In Linux, a special file called initramfs (formerly initrd) is loaded into RAM early in the boot process. initramfs is a pre-made file system that contains a bunch of programs that are already ready to go. It is loaded by the bootloader or some descendent of it, which itself ultimately lives at that hard-coded memory address we talked about in the previous paragraph. Windows does something similar, and osX should never be used.

## What does the IP register actually do?

When we call a function we need to save the return address somewhere. This is typically done in the LR register. However, using LR to return from a function brings problems because the instruction used to do that can only access a subset of the bits of LR. Therefore, another register is sometimes needed to provide access to the full memory space. IP is used by the compiler to do this. Generally speaking, don’t touch IP and you’ll be OK.

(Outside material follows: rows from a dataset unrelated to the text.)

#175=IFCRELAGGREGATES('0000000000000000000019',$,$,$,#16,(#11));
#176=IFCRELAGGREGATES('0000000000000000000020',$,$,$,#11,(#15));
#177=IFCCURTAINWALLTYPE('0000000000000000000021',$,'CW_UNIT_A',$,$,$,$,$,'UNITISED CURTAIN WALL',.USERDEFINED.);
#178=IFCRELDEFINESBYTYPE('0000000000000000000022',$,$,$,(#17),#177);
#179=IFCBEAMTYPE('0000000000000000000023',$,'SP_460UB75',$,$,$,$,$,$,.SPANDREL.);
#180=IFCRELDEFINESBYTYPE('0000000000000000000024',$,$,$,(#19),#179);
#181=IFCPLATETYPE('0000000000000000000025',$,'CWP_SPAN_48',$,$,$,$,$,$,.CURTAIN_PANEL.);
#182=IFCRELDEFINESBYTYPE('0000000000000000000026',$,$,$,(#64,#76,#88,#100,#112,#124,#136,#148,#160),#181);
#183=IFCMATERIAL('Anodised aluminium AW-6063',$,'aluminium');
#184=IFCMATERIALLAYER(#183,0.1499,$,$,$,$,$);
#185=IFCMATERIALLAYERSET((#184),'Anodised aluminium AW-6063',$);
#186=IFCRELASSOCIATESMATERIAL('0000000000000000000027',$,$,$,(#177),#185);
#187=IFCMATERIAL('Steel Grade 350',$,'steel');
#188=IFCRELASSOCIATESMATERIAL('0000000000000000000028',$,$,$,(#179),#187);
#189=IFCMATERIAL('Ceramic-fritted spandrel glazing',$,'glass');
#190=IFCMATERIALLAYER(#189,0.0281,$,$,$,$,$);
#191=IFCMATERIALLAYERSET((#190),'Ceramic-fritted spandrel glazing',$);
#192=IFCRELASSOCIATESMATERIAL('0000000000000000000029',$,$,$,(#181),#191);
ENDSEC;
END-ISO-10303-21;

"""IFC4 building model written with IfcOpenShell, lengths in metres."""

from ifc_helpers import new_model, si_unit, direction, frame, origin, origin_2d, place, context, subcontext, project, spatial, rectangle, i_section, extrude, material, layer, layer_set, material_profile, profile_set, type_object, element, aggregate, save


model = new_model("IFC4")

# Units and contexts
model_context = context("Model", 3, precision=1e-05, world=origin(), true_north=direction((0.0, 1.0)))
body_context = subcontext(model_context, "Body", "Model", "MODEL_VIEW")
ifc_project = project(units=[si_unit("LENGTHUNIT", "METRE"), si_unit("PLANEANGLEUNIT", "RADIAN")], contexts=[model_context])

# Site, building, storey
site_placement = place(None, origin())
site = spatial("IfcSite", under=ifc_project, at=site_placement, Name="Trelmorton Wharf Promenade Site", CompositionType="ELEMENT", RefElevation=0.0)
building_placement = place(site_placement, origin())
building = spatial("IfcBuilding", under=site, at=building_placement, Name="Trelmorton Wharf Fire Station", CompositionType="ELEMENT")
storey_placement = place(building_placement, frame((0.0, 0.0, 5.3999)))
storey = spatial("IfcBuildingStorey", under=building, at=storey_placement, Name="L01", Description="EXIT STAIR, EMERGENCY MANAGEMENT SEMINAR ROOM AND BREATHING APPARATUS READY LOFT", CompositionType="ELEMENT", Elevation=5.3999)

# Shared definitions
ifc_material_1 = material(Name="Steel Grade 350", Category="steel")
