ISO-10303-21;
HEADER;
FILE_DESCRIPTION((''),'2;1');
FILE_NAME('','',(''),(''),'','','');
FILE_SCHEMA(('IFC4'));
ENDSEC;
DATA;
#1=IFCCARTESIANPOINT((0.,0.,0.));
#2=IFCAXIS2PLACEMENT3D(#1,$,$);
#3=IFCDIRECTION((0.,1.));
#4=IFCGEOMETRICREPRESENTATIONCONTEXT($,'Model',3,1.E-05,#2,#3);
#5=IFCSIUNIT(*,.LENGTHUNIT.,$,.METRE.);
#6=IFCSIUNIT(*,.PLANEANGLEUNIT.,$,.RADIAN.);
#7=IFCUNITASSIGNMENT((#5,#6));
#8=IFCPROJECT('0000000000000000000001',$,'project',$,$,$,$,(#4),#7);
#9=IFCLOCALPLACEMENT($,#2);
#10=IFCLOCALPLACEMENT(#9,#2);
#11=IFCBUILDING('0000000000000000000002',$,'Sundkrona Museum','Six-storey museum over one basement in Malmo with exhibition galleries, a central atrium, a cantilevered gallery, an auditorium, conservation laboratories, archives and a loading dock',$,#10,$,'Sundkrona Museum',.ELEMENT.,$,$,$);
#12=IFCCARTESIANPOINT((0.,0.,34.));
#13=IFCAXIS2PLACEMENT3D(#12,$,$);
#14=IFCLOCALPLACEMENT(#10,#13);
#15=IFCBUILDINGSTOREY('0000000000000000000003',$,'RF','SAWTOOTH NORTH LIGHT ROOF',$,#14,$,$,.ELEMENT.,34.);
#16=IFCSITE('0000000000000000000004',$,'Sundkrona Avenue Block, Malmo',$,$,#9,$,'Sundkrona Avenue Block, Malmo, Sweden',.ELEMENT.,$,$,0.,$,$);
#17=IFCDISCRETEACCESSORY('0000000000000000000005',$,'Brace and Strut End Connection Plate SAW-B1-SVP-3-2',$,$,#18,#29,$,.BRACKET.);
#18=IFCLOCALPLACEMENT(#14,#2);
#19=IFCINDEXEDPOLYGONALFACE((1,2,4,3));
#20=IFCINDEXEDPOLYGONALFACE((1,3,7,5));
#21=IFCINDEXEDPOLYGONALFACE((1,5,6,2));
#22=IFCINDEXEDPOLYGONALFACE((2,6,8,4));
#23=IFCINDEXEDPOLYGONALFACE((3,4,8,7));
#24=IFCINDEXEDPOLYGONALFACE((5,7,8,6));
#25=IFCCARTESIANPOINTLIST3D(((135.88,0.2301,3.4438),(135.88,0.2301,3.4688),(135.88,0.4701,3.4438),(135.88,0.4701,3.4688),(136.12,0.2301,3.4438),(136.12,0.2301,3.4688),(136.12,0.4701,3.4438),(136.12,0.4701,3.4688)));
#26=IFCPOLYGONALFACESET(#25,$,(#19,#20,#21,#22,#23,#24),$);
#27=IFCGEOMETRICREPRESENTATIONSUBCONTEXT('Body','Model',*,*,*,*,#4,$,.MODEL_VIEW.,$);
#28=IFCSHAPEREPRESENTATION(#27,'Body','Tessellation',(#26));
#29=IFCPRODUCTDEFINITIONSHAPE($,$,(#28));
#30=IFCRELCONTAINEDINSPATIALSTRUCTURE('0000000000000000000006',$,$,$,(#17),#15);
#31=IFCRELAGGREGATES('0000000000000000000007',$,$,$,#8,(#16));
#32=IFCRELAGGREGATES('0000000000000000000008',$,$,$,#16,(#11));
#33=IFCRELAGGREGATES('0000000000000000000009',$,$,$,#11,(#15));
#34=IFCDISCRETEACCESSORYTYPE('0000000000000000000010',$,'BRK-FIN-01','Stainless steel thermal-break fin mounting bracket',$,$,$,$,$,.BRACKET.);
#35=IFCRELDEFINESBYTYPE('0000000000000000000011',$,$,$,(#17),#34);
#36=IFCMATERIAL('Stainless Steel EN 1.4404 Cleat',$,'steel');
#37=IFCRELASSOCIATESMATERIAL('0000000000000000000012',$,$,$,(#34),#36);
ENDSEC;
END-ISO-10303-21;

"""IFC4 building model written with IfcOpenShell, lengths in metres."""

from ifc_helpers import new_model, si_unit, direction, frame, origin, origin_2d, place, context, subcontext, project, spatial, rectangle, extrude, material, type_object, element, save


model = new_model("IFC4")

# Units and contexts
model_context = context("Model", 3, precision=1e-05, world=origin(), true_north=direction((0.0, 1.0)))
body_context = subcontext(model_context, "Body", "Model", "MODEL_VIEW")
ifc_project = project(units=[si_unit("LENGTHUNIT", "METRE"), si_unit("PLANEANGLEUNIT", "RADIAN")], contexts=[model_context])

# Site, building, storey
site_placement = place(None, origin())
site = spatial("IfcSite", under=ifc_project, at=site_placement, Name="Sundkrona Avenue Block, Malmo", LongName="Sundkrona Avenue Block, Malmo, Sweden", CompositionType="ELEMENT", RefElevation=0.0)
building_placement = place(site_placement, origin())
building = spatial("IfcBuilding", under=site, at=building_placement, Name="Sundkrona Museum", Description="Six-storey museum over one basement in Malmo with exhibition galleries, a central atrium, a cantilevered gallery, an auditorium, conservation laboratories, archives and a loading dock", LongName="Sundkrona Museum", CompositionType="ELEMENT")
storey_placement = place(building_placement, frame((0.0, 0.0, 34.0)))
storey = spatial("IfcBuildingStorey", under=building, at=storey_placement, Name="RF", Description="SAWTOOTH NORTH LIGHT ROOF", CompositionType="ELEMENT", Elevation=34.0)

# Discrete accessory
ifc_material_1 = material(Name="Stainless Steel EN 1.4404 Cleat", Category="steel")
discrete_accessory_type = type_object("IfcDiscreteAccessoryType", Name="BRK-FIN-01", Description="Stainless steel thermal-break fin mounting bracket", PredefinedType="BRACKET", material=ifc_material_1)
for number, where, z_axis, x_axis, name in (
    (1, (136.0, 0.3501, 3.4438), (0.0, 0.0, 1.0), (1.0, 0.0, 0.0), "Brace and Strut End Connection Plate SAW-B1-SVP-3-2"),
):
    element("IfcDiscreteAccessory", number, at=place(storey_placement, frame(where, z_axis=z_axis, x_axis=x_axis)), inside=storey, type_object=discrete_accessory_type, Name=name, PredefinedType="BRACKET", context=body_context, shape_type="SweptSolid", body=[
        extrude(rectangle(XDim=0.24, YDim=0.24, at=origin_2d()), origin(), (0.0, 0.0, 1.0), 0.0249),
    ])

save(model, "model.ifc")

## Do stacks always grow down?

No. It is more correct to say that the Advanced Arm Procedure Call Standard (AAPCS, available here: <https://web.eecs.umich.edu/~prabal/teaching/resources/eecs373/ARM-AAPCS-EABI-v2.08.pdf>) enforces that the stack starts at a high address and grows to a low address. This is not a requirement of the processor because it is not necessary to use a stack. However, unless you are doing something very, very weird, your code should conform to the AAPCS and therefore your stacks will always grow down.

## Why is the order of the thread’s initial stack important?

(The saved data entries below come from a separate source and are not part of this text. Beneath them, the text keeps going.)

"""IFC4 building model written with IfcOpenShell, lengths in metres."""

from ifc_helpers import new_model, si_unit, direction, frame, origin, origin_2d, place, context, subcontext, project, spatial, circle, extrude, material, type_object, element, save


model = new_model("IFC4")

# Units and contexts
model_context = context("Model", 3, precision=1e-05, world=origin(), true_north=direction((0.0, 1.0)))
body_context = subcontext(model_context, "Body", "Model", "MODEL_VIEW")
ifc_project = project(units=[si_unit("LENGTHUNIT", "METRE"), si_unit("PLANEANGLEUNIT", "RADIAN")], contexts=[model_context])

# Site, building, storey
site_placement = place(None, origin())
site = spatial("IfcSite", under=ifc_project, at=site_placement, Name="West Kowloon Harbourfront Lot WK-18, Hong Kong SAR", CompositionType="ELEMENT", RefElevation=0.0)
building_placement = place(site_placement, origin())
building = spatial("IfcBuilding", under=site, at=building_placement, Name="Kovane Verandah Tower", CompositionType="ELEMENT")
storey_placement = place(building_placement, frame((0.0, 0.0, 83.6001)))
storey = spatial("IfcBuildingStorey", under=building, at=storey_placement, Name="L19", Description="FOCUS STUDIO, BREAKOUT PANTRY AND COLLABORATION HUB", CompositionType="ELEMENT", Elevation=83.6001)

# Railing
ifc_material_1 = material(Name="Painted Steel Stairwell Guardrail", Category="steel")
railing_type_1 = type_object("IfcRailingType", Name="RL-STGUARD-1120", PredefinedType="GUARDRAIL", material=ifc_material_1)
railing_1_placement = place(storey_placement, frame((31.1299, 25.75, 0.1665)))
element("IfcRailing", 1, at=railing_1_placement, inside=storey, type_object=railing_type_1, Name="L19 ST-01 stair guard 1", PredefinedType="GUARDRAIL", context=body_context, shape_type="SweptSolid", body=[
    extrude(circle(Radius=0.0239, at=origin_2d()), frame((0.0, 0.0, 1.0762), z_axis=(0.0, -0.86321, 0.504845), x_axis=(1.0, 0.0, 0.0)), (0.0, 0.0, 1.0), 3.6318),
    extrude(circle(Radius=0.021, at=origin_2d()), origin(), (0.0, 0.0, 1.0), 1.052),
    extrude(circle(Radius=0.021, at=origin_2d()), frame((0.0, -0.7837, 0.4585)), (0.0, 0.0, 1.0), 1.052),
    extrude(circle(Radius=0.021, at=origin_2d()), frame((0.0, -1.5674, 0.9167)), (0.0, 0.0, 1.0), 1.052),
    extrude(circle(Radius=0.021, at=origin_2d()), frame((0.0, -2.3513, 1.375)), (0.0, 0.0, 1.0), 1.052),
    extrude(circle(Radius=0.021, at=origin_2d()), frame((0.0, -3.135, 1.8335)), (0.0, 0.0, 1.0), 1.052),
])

This comes from the AAPCS again. When a function call occurs, the registers xPSR, PC, LR, R12, R3-R0 are pushed onto the stack in that order by the hardware. If you deviated from the order then you might try to load xPSR with the PC or something else. Since we don’t have any power over this order, we must respect it in our code. It is not a design choice, it’s a requirement.

## Why are we using PendSV and not a timer?

You’re going to later! We are using PendSV because it lets us control when the interrupts happen.